# Welches Modul für diesen Fernseher? (Smartcard von Kabel)



## feldspat (26. Januar 2011)

*Welches Modul für diesen Fernseher? (Smartcard von Kabel)*

Meine Freundin hat sich den gekauft:
Thomson 24FS5246 60,9 cm LED-Backlight-Fernseher: Amazon.de: Elektronik

Sie hat Kabel und für den Fernsehe braucht man ja noch so ein Modul, damit man die privaten Sender auch digital sehen kann.
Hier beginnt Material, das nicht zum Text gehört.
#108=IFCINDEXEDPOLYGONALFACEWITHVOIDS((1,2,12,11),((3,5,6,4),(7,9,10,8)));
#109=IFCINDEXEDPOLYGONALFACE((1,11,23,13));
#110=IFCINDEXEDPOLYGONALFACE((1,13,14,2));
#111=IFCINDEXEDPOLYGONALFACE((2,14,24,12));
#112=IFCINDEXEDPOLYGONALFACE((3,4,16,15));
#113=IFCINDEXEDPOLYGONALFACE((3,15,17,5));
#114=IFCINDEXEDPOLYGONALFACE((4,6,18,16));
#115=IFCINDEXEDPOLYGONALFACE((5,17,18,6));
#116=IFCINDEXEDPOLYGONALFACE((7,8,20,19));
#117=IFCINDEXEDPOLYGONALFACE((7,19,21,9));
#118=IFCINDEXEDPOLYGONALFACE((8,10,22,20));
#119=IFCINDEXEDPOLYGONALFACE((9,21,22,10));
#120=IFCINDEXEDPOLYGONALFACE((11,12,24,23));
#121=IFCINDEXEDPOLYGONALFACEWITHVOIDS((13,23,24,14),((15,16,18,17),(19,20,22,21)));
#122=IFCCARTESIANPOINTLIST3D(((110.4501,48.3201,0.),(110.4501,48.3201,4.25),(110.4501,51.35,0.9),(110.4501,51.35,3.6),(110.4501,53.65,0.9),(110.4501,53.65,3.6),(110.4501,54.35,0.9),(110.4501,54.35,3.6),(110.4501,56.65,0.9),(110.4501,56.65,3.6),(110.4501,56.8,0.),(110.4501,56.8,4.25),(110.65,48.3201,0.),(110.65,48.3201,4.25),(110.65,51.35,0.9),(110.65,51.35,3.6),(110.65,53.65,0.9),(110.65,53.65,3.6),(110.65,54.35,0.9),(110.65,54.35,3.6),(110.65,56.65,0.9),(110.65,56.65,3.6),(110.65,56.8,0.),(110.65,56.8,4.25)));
Soll so günstig wie möglich sein, aber kein Müll.

Was gibts da so?

HD+ wird nicht gebraucht!

Mfg

PS: Hoffentlich bin ich in dem richtigen Unterforum.


----------



## Gast12348 (26. Januar 2011)

*AW: Welches Modul für diesen Fernseher? (Smartcard von Kabel)*

Ich versteh die fragestellung nicht so ganz, sie hat nen Digitalen Kabel anschluss ? 

Dann brauch sie eigentlich nix weiter, laut Amazon Datenblatt hat der doch nen DVB-C Receiver eingebaut, das ist ein Digitaler KabelReceiver.


----------



## Herbboy (26. Januar 2011)

*AW: Welches Modul für diesen Fernseher? (Smartcard von Kabel)*

Doch, es hängt aber vom Anbieter ab. zB hier in NRW gibt es unitymedia, da zahlt man 4€/Monat, um nicht nur die öfft. rechtlichen auch per DVB-C zu bekommen, und bekommt dafür dann eine Smartcard für einen geeigneten Receiver. Wenn der Receiver bzw. hier in dem Fall der LCD einen CI-Slot hat, muss man sich ein Alphacrypt classic-Modul (ca. 100€ ) kaufen, da kommt die Karte rein, und das Modul kommt in den CI-Slot des TVs.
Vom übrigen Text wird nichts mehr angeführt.